В конце июля 1942 года вооружённые силы Германии продолжали оккупацию Чернянского района. По грейдеру «Чернянка — Острогожск» день и ночь непрерывным потоком двигались танки, машины с пушками и людьми, мотоциклы, конные обозы. В последний день месяца на нашу улицу Выгонок в селе Волотово, под вечер, заехали семь пароконных подвод с немцами. Каждую подводу представляли пара довольно крупных лошадей и два офицера в тёмно-зелёном обмундировании из какой‑то особой воинской части.
Наша улица в те годы представляла одностороннюю застройку хат без каких‑либо ограждений дворов. Проезд осуществлялся по грунтовой дороге, через которую напротив хат открывался с зелёной травой выгон.
Незваные гости распрягли лошадей. Ходки загруженные какой‑то аппаратурой под брезентом, и лошадей с торбами для кормления оставили у хат, а плащ-палатки для ночлега разбили через дорогу, прямо на траве. У нашего двора был колодец с глубиной расположения воды до девяти метров. Немцы были довольны, что она была слишком холодной.
Утром мы с пацанами собрались у нас за сараем в кукурузной грядке. Как обычно, поиграть в железки. Мне надо было пойти в хату, взять какую‑то игрушку. Я вышел из‑за угла сарая и увидел следующее. Лощёный молодчик поставил на табуретку тазик с холодной водой, разделся до пояса, снял с руки блестящие часы, положил их на кирпичик возле сарая и стал умываться. Он сильно плескался и фыркал. Я увидел часы, схватил их и в кукурузу, положил их на детскую наковальню и, не подумав, с размаху ударил по ним. Часы разлетелись. Мы с ребятами сильно испугались, но я успел им сказать: «Мы ничего не видели, часов не брали». Тут подошла к нам наша мама и взволнованным голосом сообщила, что всех зовёт к себе немец. Она добавила: «Вы ничего не знаете и не брали».

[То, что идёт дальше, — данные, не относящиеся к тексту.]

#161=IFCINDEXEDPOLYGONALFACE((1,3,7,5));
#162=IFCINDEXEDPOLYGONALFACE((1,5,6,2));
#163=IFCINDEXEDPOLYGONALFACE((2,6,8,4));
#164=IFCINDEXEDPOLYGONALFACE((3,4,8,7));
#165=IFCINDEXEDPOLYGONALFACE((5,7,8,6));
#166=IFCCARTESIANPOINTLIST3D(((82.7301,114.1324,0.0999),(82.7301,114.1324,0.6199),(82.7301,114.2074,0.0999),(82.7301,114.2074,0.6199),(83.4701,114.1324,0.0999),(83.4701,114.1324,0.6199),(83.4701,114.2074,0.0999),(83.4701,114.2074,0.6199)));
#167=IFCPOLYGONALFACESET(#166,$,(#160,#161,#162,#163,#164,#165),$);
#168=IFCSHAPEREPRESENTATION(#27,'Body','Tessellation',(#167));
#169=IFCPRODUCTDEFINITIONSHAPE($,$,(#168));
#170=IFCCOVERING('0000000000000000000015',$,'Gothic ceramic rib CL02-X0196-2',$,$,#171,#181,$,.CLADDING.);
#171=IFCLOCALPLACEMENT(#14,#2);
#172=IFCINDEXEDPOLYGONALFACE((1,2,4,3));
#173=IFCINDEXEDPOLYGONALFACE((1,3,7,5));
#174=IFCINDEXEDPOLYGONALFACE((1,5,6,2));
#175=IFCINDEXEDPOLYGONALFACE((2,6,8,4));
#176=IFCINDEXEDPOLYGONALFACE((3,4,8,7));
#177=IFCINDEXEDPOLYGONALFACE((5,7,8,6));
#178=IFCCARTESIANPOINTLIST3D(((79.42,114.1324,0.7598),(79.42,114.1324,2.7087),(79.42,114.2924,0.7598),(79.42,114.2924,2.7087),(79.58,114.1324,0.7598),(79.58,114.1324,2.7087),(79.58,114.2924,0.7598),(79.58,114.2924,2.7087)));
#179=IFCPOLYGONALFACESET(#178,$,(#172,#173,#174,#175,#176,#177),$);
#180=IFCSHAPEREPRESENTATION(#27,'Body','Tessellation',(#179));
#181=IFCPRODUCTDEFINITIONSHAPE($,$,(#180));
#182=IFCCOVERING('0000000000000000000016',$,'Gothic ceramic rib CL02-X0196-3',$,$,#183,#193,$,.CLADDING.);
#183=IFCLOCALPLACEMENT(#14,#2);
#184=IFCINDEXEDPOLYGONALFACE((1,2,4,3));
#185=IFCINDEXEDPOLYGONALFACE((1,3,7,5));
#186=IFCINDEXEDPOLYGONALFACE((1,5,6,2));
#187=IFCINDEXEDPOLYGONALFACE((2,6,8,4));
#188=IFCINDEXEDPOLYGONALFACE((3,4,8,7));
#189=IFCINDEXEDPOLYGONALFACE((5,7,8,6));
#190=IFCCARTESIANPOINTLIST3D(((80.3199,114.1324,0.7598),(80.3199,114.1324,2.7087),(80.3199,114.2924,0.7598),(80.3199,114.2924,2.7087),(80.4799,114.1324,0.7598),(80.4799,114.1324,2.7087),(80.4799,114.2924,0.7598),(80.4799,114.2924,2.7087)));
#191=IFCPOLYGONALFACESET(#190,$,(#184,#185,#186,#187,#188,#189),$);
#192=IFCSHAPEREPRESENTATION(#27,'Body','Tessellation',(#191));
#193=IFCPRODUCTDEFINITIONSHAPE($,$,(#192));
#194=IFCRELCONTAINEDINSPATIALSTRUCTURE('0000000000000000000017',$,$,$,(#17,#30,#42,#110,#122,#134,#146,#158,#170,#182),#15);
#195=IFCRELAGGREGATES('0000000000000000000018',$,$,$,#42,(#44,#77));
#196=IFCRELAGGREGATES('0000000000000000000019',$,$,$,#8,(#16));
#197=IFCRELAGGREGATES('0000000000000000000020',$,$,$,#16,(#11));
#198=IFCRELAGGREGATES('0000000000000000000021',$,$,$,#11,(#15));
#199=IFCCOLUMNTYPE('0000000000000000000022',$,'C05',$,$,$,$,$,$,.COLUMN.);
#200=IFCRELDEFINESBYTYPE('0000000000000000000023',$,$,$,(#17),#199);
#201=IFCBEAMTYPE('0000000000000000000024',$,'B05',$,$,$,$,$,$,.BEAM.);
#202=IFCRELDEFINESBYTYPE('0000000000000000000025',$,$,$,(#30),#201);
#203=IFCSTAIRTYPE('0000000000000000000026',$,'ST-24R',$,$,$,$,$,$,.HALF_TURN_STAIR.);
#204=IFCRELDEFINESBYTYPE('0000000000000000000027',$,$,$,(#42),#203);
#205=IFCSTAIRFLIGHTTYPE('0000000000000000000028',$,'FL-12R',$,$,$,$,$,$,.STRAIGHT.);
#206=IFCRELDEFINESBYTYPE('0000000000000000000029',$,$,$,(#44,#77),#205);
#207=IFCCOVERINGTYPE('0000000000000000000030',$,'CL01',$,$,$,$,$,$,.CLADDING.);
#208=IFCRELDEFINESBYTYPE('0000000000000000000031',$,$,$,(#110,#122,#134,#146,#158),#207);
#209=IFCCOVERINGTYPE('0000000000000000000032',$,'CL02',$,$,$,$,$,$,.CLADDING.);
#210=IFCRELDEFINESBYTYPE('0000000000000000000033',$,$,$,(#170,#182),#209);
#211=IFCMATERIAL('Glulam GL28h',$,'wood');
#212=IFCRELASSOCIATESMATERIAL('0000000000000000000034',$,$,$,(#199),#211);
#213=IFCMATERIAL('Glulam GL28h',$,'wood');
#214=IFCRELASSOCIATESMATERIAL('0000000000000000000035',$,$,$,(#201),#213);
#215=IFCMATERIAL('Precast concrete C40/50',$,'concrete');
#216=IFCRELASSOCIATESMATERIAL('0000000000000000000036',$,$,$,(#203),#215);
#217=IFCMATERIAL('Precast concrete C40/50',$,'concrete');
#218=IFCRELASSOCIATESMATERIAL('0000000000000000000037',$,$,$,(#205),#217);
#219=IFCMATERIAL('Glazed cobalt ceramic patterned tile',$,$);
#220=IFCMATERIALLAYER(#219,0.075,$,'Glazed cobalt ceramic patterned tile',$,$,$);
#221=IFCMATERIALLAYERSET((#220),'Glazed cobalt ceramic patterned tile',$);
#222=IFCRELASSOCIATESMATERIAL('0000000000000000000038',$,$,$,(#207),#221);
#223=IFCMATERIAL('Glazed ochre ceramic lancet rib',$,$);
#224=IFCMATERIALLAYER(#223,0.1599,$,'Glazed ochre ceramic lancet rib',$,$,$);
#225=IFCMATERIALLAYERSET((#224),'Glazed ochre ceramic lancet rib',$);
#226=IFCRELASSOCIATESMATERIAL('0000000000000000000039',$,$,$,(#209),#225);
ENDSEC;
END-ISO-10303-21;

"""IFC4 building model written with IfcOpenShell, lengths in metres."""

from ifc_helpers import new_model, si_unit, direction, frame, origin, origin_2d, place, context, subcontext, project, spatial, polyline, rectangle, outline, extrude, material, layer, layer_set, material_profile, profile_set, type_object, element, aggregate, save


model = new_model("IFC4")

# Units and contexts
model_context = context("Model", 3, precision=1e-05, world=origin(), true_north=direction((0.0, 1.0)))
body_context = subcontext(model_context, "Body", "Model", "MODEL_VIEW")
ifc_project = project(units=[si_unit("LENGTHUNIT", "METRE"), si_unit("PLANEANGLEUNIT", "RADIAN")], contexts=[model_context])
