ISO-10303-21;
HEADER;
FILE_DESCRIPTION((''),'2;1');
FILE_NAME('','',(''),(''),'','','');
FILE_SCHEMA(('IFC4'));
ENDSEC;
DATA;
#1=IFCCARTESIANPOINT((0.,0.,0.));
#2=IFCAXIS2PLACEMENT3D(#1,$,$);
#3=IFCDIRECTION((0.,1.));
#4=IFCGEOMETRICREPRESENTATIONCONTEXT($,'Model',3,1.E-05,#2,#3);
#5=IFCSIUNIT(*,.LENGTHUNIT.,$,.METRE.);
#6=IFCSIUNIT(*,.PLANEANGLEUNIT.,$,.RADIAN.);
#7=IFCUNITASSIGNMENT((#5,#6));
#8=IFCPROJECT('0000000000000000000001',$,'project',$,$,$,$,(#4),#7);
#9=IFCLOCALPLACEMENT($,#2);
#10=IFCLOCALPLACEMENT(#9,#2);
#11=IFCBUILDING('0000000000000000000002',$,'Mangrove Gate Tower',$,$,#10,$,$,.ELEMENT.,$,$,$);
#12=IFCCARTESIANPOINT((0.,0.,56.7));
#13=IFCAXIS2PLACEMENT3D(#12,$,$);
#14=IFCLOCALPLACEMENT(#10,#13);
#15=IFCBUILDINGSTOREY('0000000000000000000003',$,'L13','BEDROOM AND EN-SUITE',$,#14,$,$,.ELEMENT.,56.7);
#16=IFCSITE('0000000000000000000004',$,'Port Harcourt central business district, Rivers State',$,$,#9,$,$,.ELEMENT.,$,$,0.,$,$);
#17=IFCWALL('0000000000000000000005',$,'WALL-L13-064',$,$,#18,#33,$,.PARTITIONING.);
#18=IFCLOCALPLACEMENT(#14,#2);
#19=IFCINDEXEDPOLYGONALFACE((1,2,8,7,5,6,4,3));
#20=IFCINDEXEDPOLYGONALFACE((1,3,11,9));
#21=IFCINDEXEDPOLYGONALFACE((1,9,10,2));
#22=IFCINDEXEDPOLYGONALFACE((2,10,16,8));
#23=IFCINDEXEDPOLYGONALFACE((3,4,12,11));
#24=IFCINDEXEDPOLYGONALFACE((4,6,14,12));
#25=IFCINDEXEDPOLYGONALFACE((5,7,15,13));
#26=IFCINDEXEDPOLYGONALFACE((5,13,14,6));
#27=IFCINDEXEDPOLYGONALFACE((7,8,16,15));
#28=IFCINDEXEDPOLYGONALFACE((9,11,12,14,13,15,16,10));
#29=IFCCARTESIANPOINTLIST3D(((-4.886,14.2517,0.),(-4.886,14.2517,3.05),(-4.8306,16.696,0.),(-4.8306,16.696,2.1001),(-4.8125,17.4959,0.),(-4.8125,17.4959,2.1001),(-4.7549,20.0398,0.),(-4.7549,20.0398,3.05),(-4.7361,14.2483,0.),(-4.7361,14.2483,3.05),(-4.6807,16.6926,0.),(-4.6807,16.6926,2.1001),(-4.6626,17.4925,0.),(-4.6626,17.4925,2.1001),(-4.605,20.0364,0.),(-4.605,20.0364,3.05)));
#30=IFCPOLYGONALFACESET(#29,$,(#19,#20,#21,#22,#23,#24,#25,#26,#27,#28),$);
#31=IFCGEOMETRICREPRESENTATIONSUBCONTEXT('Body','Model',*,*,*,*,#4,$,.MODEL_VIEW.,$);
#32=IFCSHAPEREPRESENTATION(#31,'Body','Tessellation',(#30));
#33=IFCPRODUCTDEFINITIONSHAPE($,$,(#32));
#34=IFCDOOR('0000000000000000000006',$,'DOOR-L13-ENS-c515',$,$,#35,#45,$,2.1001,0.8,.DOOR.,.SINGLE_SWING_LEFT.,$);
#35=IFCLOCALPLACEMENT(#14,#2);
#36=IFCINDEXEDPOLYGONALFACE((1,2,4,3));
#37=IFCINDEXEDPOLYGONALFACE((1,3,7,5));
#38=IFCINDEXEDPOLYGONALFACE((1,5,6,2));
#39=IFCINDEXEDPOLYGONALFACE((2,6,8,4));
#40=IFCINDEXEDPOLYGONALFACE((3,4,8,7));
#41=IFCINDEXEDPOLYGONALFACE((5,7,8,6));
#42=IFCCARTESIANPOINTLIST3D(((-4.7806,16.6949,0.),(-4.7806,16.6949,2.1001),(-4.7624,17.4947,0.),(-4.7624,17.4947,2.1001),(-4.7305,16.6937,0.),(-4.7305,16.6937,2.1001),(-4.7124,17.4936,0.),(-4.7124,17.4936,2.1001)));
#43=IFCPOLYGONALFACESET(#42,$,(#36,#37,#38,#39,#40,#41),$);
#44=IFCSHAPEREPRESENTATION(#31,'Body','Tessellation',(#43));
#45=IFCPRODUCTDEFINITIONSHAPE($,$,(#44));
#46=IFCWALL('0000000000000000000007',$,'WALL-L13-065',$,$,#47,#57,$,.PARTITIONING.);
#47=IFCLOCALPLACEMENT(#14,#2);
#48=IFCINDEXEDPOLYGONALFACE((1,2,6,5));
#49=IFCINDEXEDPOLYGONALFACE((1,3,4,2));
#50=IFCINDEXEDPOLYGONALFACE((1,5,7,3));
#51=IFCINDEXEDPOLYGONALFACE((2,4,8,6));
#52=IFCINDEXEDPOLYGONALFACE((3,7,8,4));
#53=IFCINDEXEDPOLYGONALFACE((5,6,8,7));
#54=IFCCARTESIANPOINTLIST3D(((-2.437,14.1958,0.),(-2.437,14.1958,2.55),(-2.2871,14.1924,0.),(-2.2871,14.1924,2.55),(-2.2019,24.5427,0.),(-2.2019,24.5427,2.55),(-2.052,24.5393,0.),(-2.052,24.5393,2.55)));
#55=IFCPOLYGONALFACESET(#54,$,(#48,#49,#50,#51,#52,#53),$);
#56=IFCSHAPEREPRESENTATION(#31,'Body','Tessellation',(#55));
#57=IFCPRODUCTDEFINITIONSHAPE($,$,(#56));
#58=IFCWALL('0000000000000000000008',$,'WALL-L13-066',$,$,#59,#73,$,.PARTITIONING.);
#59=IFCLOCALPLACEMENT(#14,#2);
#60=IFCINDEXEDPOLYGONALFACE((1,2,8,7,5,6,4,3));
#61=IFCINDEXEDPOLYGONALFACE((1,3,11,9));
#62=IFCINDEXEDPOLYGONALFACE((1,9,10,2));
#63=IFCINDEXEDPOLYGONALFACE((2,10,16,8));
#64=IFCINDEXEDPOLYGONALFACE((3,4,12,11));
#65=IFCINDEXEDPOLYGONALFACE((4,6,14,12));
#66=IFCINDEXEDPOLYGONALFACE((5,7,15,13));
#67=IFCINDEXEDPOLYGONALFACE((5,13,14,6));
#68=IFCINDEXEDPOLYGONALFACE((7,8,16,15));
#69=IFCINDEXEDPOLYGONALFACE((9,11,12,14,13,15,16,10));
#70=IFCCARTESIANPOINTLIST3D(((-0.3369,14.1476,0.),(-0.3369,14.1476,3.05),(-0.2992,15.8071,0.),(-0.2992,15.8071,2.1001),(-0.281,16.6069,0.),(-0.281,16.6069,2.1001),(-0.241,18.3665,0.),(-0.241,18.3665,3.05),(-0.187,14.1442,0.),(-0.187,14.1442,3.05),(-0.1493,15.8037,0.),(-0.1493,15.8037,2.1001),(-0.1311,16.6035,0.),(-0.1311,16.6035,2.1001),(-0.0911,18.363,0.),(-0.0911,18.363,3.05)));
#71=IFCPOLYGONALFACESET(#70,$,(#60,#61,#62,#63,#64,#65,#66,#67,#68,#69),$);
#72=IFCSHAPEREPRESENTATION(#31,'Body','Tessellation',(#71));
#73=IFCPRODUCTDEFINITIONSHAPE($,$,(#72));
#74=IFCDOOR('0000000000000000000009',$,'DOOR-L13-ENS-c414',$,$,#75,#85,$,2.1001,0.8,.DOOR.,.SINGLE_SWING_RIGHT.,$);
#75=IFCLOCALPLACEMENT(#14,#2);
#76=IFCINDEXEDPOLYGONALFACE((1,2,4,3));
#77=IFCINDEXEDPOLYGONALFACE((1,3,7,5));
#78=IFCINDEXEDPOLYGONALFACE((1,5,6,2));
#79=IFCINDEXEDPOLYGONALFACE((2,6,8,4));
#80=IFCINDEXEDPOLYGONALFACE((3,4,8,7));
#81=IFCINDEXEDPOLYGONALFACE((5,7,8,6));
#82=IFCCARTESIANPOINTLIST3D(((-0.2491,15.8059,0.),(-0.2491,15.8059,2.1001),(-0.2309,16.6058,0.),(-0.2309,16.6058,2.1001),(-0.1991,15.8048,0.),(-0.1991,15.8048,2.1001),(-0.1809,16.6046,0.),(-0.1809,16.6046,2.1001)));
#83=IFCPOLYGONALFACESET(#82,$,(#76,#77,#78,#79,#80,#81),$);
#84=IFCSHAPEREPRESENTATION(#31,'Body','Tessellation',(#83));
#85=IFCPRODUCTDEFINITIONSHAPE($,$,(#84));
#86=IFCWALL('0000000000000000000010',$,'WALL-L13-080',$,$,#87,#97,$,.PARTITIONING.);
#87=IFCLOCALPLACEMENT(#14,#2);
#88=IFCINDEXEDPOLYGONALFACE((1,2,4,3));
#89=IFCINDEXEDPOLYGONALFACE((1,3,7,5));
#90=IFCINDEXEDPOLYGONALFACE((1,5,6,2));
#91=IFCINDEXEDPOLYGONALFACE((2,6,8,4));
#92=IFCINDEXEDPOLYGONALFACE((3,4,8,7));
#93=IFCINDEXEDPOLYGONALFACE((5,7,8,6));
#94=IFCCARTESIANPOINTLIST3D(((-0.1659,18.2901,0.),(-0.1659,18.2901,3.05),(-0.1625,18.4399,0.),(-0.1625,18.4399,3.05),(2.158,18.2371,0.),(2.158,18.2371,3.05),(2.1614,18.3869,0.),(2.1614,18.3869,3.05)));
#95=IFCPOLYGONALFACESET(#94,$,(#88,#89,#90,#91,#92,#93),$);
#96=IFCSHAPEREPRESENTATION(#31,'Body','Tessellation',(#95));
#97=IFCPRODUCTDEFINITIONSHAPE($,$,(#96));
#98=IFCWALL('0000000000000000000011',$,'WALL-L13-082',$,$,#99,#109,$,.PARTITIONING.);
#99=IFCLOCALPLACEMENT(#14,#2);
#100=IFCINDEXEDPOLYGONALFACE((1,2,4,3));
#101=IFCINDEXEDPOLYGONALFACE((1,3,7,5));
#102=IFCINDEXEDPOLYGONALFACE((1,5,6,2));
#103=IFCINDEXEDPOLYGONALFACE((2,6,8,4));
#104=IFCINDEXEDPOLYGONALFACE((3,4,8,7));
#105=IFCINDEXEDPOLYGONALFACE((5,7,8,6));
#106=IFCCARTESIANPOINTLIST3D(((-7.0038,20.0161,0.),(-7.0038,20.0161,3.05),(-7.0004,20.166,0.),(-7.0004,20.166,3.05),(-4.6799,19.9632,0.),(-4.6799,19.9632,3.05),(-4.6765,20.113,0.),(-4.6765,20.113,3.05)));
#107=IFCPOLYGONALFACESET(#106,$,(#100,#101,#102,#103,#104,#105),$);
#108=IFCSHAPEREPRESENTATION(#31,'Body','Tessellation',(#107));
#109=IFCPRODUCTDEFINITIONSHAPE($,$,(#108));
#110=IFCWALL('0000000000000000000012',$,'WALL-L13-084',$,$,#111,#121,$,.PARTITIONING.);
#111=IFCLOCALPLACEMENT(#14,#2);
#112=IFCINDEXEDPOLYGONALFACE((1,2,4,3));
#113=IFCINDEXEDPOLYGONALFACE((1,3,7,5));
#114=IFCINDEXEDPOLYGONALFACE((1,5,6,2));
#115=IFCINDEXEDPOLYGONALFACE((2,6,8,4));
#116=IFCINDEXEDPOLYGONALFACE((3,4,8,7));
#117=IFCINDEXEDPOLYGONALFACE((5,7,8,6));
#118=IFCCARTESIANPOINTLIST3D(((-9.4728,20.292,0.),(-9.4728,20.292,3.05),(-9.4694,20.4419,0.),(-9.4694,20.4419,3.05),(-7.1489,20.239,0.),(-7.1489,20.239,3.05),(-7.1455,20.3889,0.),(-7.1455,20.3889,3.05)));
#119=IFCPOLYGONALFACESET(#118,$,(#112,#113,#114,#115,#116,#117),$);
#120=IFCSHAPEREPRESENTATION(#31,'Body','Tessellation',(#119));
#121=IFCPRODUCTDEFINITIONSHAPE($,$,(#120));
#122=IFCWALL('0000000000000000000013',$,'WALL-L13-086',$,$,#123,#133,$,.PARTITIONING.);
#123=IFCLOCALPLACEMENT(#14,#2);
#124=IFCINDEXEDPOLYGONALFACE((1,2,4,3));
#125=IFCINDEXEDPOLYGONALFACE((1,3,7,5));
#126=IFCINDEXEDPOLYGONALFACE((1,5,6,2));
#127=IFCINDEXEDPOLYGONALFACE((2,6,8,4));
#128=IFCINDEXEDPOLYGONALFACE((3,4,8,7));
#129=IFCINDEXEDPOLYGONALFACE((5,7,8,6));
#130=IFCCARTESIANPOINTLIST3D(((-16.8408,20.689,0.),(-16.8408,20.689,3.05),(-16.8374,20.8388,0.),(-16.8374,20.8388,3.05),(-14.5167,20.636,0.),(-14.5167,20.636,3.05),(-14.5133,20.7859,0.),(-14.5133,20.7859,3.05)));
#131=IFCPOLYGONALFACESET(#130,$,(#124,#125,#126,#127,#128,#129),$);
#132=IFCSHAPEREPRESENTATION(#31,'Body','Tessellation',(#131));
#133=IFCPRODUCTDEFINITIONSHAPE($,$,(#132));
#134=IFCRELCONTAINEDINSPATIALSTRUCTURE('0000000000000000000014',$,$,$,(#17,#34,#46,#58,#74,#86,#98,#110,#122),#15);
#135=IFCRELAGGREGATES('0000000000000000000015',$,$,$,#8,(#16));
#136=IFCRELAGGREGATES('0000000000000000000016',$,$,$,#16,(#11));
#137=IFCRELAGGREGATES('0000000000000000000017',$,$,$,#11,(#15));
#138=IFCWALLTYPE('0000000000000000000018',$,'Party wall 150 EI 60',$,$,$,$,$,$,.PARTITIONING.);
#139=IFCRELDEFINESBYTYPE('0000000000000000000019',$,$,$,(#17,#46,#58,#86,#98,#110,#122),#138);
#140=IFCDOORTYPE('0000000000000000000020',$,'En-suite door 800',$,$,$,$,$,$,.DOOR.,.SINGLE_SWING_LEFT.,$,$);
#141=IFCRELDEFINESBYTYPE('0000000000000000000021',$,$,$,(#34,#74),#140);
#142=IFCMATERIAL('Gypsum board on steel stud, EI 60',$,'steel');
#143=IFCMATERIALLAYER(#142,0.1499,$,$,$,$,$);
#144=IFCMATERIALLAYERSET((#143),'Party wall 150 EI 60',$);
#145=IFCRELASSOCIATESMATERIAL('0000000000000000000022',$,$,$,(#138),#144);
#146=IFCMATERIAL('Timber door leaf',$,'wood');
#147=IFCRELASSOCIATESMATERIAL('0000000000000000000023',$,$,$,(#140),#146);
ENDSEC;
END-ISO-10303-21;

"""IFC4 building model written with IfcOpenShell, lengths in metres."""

from ifc_helpers import new_model, si_unit, direction, frame, frame_2d, origin, place, context, subcontext, project, spatial, rectangle, extrude, material, layer, layer_set, type_object, element, fill, save


model = new_model("IFC4")

# Units and contexts
model_context = context("Model", 3, precision=1e-05, world=origin(), true_north=direction((0.0, 1.0)))
body_context = subcontext(model_context, "Body", "Model", "MODEL_VIEW")
ifc_project = project(units=[si_unit("LENGTHUNIT", "METRE"), si_unit("PLANEANGLEUNIT", "RADIAN")], contexts=[model_context])

# Site, building, storey
site_placement = place(None, origin())
site = spatial("IfcSite", under=ifc_project, at=site_placement, Name="Port Harcourt central business district, Rivers State", CompositionType="ELEMENT", RefElevation=0.0)
building_placement = place(site_placement, origin())
building = spatial("IfcBuilding", under=site, at=building_placement, Name="Mangrove Gate Tower", CompositionType="ELEMENT")
storey_placement = place(building_placement, frame((0.0, 0.0, 56.7)))
storey = spatial("IfcBuildingStorey", under=building, at=storey_placement, Name="L13", Description="BEDROOM AND EN-SUITE", CompositionType="ELEMENT", Elevation=56.7)

# Shared definitions
ifc_material_1 = material(Name="Gypsum board on steel stud, EI 60", Category="steel")
ifc_layer = layer(ifc_material_1, 0.1499)
ifc_layer_set = layer_set([ifc_layer], Name="Party wall 150 EI 60")
wall_type = type_object("IfcWallType", Name="Party wall 150 EI 60", PredefinedType="PARTITIONING", material=ifc_layer_set)

# Shared definitions
ifc_material_2 = material(Name="Timber door leaf", Category="wood")
door_type = type_object("IfcDoorType", Name="En-suite door 800", OperationType="SINGLE_SWING_LEFT", PredefinedType="DOOR", material=ifc_material_2)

Немец спокойно поставил нас четверых к стенке сарая — Федьку Аханякина, меня, моего меньшего брата Ивана и соседского мальчика Федю Дахина. Стал уговаривать принести часы, указывая на их место на руке. Мама тоже спрашивала, где мы их спрятали, просила вернуть их пану-немцу. Мы же стояли на своём — не брали и не видели.
Тогда немец пошёл к своему тарантасу, достал из сумки маузер и подбежал к нам. Схватил самого рослого Федьку за ухо, заорал что‑то непонятное, тыкая дулом пистолета ему под нос, и так каждого. А когда схватил за ухо меньшего Федю, тот закричал с перепугу и тут же описался…
Мама умоляла: «Пан, пожалуйста, прости их, они же киндеры…». Немец посмотрел на мальчика, заметно успокоился и пошёл к тарантасу. Спрятал своё оружие, достал из сумки в цветных бумажках конфеты и дал каждому из нас по одной. Что это означало, мы так и не узнали. Скоро вояки уехали.